Canopy Growth Aktie: Leichte Entspannung
Canopy Growth verzeichnet ein Kursplus nach einem Analysten-Rating-Upgrade und schließt die Integration von MTL Cannabis ab, um Synergien zu heben. Die fundamentale Lage bleibt jedoch angespannt.

- Rating-Erhöhung von Verkaufen auf Halten
- Übernahme von MTL Cannabis abgeschlossen
- Ziel für positives EBITDA erst 2027
- Kurs profitiert von überverkaufter Lage
Nach anhaltendem Abwärtsdruck sendet Canopy Growth ein erstes, vorsichtiges Lebenszeichen. Eine Kombination aus extrem überverkauften Indikatoren und einer milderen Analystenstimme lockte zu Wochenbeginn wieder Käufer an. Im Hintergrund treibt das Management derweil die Integration der jüngsten Übernahme voran, um die tiefroten Zahlen in den Griff zu bekommen.
Verantwortlich für das jüngste Kursplus von gut drei Prozent auf 0,97 US-Dollar war unter anderem eine neue Einschätzung von Wall Street Zen.

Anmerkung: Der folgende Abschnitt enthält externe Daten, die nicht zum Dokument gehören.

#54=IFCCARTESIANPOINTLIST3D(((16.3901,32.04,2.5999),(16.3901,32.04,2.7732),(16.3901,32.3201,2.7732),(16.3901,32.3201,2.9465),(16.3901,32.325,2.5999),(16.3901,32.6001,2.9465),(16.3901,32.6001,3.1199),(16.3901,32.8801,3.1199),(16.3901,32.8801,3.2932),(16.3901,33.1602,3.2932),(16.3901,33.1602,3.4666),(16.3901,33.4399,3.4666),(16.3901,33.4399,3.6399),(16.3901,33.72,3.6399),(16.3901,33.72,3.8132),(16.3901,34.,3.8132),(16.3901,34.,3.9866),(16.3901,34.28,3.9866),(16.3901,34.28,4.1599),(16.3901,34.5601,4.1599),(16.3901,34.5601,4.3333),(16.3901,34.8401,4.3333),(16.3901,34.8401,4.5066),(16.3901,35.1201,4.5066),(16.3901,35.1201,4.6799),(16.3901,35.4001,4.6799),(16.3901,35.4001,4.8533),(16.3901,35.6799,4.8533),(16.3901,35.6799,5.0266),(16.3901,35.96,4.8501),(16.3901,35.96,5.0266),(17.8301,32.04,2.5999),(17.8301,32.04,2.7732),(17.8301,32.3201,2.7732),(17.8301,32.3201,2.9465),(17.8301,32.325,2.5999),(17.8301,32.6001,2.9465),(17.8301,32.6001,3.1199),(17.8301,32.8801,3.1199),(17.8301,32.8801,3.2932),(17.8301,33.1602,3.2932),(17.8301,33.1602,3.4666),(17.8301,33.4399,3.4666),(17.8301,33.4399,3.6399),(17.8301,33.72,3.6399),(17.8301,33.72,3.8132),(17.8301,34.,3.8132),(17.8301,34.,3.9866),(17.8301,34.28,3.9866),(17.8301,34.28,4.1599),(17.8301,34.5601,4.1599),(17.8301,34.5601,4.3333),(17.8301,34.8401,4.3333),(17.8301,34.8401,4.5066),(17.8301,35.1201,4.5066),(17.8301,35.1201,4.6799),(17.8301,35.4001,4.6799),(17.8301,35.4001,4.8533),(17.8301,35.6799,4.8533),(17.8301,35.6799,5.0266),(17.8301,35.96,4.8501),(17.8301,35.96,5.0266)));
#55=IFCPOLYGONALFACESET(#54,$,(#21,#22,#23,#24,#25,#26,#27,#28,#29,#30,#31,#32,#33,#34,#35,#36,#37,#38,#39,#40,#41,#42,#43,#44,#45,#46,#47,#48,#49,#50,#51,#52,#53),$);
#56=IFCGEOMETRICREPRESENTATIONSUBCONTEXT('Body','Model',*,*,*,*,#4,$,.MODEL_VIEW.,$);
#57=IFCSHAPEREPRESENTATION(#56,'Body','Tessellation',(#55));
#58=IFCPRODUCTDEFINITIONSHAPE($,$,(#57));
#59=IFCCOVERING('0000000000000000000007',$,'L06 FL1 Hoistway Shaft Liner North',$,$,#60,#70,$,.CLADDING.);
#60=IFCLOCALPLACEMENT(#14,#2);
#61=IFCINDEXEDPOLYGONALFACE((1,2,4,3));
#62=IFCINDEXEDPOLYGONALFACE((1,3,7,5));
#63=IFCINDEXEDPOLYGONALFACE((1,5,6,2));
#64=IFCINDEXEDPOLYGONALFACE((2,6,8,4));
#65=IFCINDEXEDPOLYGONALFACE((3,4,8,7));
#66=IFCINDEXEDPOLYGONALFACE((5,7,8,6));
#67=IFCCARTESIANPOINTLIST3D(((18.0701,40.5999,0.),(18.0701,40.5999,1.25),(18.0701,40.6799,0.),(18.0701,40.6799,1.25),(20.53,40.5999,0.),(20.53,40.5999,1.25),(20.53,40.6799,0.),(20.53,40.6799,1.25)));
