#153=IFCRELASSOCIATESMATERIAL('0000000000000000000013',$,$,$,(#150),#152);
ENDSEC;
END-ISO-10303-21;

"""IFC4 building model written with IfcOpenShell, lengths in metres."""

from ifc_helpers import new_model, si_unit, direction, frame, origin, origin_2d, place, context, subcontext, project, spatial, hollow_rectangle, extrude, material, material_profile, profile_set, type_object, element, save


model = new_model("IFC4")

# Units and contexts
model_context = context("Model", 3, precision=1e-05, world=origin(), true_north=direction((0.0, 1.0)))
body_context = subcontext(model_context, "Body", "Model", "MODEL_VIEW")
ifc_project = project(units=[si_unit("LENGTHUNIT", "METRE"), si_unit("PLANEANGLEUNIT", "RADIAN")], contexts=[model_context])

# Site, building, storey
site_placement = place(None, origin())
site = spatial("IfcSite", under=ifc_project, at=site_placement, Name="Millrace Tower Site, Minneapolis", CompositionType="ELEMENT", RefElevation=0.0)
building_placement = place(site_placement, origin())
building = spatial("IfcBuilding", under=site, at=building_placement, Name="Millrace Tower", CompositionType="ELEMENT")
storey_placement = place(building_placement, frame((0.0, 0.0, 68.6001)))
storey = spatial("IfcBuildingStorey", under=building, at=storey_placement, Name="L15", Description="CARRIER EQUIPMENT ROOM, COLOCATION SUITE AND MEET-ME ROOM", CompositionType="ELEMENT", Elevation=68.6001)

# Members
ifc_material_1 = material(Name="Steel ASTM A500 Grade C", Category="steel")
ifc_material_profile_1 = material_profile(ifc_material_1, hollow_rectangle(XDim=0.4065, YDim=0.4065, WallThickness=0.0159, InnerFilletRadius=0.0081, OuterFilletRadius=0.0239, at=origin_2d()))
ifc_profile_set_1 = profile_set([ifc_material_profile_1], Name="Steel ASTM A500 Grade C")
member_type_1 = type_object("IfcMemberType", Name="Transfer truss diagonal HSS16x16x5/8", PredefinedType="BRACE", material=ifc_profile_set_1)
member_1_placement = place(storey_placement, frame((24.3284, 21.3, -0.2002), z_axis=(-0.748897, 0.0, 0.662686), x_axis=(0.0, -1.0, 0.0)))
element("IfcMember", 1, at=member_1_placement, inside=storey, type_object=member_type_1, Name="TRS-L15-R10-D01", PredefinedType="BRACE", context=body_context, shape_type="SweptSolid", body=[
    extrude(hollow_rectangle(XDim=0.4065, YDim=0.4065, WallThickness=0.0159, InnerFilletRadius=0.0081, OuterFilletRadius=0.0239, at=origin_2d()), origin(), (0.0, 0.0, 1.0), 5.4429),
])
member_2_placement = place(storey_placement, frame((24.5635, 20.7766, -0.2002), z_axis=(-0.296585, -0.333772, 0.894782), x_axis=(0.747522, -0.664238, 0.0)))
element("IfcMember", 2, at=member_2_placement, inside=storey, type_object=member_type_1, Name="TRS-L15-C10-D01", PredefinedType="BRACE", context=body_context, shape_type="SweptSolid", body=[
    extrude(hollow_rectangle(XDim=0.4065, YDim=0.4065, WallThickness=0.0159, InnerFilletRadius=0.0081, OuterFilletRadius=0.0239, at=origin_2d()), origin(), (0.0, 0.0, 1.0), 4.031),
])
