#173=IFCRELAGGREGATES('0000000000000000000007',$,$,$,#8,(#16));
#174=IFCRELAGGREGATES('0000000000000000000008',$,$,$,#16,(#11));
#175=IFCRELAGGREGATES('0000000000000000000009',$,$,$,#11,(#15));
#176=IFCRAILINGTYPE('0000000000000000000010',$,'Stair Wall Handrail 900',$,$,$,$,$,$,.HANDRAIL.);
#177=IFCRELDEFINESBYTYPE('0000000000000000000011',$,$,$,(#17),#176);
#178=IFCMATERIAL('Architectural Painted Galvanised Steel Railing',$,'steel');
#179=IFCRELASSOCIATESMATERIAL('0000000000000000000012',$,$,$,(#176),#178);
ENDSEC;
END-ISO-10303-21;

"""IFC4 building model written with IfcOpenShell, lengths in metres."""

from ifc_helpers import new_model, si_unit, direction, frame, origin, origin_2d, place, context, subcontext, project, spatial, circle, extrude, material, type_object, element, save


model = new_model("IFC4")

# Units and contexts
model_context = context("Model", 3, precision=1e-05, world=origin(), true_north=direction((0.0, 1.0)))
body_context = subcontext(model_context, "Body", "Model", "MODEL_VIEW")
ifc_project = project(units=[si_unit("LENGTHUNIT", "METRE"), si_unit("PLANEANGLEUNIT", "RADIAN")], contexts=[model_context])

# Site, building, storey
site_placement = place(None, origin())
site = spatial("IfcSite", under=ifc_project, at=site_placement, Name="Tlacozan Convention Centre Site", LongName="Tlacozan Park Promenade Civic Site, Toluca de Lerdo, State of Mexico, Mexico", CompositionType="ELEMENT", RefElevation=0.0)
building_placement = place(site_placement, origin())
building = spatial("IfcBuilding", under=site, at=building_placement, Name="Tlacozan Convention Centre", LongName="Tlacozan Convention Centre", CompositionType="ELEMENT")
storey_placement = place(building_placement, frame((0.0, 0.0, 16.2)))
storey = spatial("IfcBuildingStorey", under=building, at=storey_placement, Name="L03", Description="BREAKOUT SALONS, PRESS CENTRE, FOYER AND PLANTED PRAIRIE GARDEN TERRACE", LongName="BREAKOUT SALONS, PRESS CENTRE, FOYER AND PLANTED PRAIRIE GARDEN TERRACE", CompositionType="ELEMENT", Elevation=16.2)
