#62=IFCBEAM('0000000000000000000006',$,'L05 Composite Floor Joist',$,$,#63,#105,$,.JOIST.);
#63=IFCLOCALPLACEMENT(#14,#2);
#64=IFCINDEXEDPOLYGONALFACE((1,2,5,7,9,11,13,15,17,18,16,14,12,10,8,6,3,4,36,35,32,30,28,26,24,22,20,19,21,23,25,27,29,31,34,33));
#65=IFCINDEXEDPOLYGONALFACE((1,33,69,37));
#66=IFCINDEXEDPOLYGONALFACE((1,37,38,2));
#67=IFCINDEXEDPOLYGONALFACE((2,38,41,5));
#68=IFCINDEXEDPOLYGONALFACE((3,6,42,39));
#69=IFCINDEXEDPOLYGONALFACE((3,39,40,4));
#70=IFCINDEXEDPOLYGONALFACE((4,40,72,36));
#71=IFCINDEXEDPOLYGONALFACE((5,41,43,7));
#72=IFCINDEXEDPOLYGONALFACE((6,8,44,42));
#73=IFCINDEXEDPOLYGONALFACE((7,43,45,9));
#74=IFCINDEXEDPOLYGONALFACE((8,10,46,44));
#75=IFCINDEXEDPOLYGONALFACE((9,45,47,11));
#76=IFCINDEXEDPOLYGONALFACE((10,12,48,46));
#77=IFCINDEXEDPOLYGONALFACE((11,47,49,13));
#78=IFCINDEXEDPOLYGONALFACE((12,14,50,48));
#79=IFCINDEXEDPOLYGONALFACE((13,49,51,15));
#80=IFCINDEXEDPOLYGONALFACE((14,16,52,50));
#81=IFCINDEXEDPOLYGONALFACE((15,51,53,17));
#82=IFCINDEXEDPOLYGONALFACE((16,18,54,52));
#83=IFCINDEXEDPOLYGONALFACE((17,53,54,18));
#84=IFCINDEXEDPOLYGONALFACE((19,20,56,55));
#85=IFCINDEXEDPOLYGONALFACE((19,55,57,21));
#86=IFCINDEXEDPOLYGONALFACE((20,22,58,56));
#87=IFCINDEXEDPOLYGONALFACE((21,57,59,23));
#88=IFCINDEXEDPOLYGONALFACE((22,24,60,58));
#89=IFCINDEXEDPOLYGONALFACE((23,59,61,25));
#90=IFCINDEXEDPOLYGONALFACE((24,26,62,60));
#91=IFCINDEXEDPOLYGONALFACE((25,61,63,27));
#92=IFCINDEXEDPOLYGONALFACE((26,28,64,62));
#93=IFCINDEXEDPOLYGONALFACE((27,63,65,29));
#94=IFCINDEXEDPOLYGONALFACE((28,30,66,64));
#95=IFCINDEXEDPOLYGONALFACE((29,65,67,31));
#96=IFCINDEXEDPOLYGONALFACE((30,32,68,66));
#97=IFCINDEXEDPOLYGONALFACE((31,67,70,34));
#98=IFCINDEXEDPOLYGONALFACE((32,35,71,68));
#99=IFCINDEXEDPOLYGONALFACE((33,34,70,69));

Die Experten hoben ihr Rating am Wochenende von „Verkaufen“ auf „Halten“ an. Diese Neubewertung traf auf ein Marktumfeld, in dem die Papiere technisch stark ausgebombt waren. Mit einem Relative-Stärke-Index (RSI) von knapp 33 bewegt sich der Titel weiterhin im überverkauften Bereich, was am Montag kurzfristig orientierte Anleger anlockte und das Handelsvolumen leicht über den Durchschnitt trieb.
Frischer Wind im Management
Abseits der Charttechnik ruhen die Hoffnungen auf der operativen Neuausrichtung. Mitte März schloss das Unternehmen die Übernahme von MTL Cannabis ab. Dieser Schritt soll innerhalb der nächsten 18 Monate Synergieeffekte von rund 10 Millionen US-Dollar freisetzen.
Gleichzeitig zieht neues Personal in die Führungsetage ein. Der ehemalige MTL-Chef Mike Perron übernimmt die Position des Chief Operating Officers. Laut CEO Luc Mongeau formt der Zusammenschluss den umsatzstärksten Akteur im kanadischen Markt für medizinisches Cannabis. Diese neu gewonnene Größe soll nun auch die geplante Expansion in Europa stützen.
Der lange Weg zur Profitabilität
Trotz der leichten Aufhellung bleibt die fundamentale Lage angespannt. Eine negative Nettomarge von über 94 Prozent zeigt deutlich, wie viel Arbeit noch vor dem neuen Führungsteam liegt. Der Nettoverlust wurde im dritten Quartal zwar um fast die Hälfte reduziert, das Ziel eines positiven bereinigten EBITDA ist allerdings erst für das Geschäftsjahr 2027 angesetzt.
Bis dahin bleibt das strikte Kostenmanagement die wichtigste Aufgabe, um den aktuellen Barbestand von 371 Millionen US-Dollar zu schonen und die Herausforderungen in den internationalen Lieferketten abzufedern. Der breite Analystenkonsens rät mit der Einstufung „Reduzieren“ und einer Gewinnerwartung von -2,81 US-Dollar pro Aktie für das laufende Jahr vorerst weiter zur Vorsicht.